Once past Celaya’s unprepossessing industrial outskirts, the visitor finds a spaciously laid out historic center of parks and plazas, fronted by many elegant colonial buildings. Although the monastic churches of San Francisco and San Agustín date back to the 1600s, Celaya’s main architectural heritage belongs to the neoclassical tradition of the late colonial years, in particular the work of its native son, Francisco Eduardo Tresguerras (1759-1833).
Tresguerras was among the best known exponents of the neoclassical style in Mexico. A painter and musician as well as an architect and sculptor, he was also a polemicist, whose vilification of the Mexican Baroque, and especially the practitioners of the Churrigueresque, precipitated the mutilation of many colonial buildings and the destruction of their magnificent baroque altarpieces.

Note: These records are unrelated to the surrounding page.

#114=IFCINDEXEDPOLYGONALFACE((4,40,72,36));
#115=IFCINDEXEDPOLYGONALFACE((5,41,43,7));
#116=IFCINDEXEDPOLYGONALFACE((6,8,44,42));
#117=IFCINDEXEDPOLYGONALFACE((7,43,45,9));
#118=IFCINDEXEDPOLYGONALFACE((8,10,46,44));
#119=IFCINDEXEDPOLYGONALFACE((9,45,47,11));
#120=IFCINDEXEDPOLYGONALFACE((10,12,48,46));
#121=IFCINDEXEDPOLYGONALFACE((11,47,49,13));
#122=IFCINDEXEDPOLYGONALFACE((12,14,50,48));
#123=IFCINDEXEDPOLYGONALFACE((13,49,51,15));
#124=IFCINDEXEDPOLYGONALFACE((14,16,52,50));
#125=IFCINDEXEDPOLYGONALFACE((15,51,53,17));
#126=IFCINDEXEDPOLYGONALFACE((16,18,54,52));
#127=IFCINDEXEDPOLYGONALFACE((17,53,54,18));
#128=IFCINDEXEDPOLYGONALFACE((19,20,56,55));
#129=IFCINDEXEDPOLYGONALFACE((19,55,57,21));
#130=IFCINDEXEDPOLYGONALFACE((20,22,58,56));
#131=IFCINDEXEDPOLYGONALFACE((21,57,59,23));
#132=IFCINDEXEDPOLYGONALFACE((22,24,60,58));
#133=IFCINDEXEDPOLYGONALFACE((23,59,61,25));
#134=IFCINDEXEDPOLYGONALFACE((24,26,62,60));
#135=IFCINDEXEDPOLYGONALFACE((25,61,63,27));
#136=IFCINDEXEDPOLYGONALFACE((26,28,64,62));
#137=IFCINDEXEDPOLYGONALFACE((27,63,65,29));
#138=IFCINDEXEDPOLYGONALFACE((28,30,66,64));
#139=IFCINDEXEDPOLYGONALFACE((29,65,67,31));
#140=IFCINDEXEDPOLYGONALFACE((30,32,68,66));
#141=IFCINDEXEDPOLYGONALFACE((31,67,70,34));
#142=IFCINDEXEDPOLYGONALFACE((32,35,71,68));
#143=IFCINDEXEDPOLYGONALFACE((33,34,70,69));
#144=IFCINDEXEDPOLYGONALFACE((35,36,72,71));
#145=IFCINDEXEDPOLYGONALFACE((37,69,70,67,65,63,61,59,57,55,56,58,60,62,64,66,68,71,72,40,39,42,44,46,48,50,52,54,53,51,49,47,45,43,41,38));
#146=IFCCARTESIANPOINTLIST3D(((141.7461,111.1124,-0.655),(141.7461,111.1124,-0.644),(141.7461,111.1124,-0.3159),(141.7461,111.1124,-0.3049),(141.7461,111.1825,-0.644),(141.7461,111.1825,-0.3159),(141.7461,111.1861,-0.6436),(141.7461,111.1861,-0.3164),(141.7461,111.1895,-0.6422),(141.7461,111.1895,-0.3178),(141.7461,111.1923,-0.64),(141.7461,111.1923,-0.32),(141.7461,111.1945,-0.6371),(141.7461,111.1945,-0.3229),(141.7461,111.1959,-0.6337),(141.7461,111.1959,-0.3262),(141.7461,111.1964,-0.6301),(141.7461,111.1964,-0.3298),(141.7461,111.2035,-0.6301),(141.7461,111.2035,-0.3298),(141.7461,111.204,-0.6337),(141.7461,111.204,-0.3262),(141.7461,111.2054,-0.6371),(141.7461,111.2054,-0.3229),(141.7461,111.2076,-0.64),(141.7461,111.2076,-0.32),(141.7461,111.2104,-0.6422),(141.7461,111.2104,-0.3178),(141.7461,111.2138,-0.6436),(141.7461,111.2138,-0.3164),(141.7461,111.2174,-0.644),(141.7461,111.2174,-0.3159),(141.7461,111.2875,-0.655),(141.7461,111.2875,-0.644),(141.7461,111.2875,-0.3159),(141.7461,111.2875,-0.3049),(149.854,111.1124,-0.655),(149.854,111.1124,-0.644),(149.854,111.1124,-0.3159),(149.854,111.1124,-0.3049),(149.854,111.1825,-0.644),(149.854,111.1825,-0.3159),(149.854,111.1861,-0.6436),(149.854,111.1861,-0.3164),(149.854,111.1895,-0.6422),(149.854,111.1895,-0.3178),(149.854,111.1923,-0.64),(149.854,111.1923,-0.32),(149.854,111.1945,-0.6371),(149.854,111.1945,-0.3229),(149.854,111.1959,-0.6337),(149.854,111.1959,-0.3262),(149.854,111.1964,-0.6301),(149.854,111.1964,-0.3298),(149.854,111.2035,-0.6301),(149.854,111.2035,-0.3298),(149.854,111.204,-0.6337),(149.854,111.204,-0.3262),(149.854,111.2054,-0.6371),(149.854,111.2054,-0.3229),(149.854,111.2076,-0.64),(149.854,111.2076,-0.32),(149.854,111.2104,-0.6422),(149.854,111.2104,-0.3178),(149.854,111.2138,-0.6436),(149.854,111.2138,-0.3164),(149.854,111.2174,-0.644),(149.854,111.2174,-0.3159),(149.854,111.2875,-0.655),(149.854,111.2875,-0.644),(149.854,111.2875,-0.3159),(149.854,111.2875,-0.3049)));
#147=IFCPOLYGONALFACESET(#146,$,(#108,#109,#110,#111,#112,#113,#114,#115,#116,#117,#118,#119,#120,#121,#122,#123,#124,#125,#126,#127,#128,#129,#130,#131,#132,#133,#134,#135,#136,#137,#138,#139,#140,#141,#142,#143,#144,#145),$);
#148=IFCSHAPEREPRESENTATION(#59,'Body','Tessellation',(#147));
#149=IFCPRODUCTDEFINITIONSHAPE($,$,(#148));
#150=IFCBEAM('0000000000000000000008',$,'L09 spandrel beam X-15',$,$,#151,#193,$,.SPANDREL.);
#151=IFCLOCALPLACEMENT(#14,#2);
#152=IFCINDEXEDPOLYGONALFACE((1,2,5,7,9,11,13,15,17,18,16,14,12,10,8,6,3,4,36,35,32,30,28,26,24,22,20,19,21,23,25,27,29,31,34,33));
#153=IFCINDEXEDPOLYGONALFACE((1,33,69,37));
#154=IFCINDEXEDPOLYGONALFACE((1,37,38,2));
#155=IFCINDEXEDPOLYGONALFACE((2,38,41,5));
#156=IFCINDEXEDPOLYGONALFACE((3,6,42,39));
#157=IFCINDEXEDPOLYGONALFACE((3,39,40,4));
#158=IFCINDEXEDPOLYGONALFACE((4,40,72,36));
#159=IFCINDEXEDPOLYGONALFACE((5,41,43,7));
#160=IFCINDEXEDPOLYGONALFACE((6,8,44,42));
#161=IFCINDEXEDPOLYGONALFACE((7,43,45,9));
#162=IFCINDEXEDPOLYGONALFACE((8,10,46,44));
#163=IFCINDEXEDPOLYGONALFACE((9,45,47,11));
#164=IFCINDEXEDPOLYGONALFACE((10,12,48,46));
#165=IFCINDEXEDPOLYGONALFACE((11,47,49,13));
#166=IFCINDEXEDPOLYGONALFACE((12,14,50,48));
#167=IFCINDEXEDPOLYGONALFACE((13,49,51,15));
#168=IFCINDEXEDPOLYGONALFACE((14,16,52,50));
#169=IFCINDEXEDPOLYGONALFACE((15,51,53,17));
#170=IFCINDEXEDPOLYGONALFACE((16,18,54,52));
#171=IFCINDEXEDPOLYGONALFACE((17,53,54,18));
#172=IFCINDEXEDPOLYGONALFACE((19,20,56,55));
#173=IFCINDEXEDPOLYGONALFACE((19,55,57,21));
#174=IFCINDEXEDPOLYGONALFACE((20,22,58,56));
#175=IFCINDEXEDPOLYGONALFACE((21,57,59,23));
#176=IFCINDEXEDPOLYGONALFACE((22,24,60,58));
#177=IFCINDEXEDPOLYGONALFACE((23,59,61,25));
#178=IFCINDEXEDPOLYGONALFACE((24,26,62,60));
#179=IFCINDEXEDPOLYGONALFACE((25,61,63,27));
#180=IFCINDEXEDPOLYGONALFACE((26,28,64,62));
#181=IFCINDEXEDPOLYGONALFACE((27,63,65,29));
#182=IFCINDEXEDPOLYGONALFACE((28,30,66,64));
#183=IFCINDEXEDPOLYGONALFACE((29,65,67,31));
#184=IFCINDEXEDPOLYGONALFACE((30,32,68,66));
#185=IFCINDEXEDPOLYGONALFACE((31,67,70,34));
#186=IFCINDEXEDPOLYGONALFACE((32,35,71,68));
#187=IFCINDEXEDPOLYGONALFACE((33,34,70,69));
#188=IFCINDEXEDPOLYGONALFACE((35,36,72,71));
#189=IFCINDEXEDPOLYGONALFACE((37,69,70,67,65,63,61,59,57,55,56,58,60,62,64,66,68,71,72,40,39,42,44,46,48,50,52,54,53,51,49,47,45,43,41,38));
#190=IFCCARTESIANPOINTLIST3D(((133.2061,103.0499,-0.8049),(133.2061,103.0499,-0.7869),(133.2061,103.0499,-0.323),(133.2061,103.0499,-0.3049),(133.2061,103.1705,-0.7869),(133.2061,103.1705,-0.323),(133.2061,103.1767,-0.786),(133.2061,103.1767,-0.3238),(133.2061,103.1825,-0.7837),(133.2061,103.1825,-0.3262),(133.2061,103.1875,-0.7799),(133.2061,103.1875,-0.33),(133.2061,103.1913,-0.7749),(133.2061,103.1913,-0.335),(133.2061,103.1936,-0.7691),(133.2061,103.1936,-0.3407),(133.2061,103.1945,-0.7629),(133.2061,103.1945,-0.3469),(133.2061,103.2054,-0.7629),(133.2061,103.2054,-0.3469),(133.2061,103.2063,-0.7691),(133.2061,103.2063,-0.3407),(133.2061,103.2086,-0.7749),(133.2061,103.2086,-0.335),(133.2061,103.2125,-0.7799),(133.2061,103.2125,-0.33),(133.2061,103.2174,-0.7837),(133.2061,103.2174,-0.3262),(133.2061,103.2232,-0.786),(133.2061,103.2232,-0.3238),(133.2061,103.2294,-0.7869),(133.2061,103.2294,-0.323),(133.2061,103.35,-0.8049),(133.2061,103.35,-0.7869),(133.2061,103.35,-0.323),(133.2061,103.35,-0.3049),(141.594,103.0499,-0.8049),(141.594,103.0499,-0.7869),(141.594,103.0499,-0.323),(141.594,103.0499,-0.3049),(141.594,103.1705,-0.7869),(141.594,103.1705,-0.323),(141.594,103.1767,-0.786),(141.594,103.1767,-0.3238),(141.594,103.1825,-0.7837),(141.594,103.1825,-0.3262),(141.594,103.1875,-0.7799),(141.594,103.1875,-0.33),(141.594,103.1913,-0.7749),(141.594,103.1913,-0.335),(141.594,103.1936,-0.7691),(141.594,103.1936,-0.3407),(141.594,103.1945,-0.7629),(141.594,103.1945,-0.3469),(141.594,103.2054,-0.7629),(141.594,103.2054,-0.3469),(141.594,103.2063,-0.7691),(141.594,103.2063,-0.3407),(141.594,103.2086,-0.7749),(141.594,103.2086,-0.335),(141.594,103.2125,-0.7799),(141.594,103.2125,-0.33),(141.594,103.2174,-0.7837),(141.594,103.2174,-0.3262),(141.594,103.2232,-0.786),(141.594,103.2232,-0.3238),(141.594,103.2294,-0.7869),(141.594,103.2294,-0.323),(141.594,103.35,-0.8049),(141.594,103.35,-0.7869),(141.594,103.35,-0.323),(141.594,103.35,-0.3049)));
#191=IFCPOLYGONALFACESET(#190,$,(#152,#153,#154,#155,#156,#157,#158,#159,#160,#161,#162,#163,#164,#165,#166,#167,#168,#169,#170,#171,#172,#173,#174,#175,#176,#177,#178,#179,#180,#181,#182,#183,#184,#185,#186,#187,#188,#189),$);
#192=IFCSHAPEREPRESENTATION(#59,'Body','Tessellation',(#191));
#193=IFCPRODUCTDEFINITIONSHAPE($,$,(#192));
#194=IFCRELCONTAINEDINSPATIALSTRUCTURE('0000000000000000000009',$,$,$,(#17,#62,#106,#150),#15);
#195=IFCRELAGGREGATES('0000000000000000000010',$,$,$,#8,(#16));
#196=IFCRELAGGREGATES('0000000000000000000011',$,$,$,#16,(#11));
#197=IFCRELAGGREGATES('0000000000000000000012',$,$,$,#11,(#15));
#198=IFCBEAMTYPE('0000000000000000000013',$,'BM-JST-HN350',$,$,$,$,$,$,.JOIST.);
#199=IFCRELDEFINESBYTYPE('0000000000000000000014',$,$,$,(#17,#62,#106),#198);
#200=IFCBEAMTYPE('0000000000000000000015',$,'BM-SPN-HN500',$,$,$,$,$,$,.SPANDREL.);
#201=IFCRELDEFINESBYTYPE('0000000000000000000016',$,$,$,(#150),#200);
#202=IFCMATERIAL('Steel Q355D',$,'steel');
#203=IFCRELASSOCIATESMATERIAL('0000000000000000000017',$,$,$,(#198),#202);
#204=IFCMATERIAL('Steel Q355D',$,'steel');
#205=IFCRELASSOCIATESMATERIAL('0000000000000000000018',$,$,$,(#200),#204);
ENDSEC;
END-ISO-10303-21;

Ironically, his architecture is now viewed as more a hybrid style, in which neoclassical forms blend with many of the very baroque elements he so vigorously attacked.
Nuestra Señora del Carmen
This imposing structure, designed and built by Tresguerras, is his best known building and a major landmark in Celaya.
Rebuilt atop an earlier 17th century Carmelite conventual church gutted by fire in 1802, the church was rapidly completed in 1807, and is considered to be his finest work. But far from being a model of the neoclassical style, it is eclectic, which lends it considerable native charm and confirms its truly Mexican character.
A single central tower surmounts the Greek entry portico and narthex, a common Carmelite feature. Reputedly based on James Gibbs’ church of St. Mary-le-Strand in London, this idiosyncratic tower, with its giant scrolls and broken pediments, remains more baroque than correctly classical.
Similarly, despite its zigzag decoration in yellow tile, the high dome recalls Michelangelo’s design for St. Peter’s in Rome.
The south porch too, arrayed with stepped columns, an interrupted pediment and curving balustrade, pays greater homage to the Italian high baroque than to the classical canons of antiquity.
The vast white and gold interior, lined with colonnaded marble altars, appears at first glance to follow neoclassical edicts more faithfully, but even here scrolls and broken pediments intrude, testifying to the irrepressible influence of the baroque. Tresguerras also painted the striking frescoes of the Last Judgement and the Raising of Lazarus in the adjacent Capilla del Juicio.
In addition to his masterpiece, the church of El Carmen, Tresguerras' work can be seen in many other Celaya churches. He also designed the Independence monument in the main Plaza de Armas, and a bridge over the nearby Río Laja.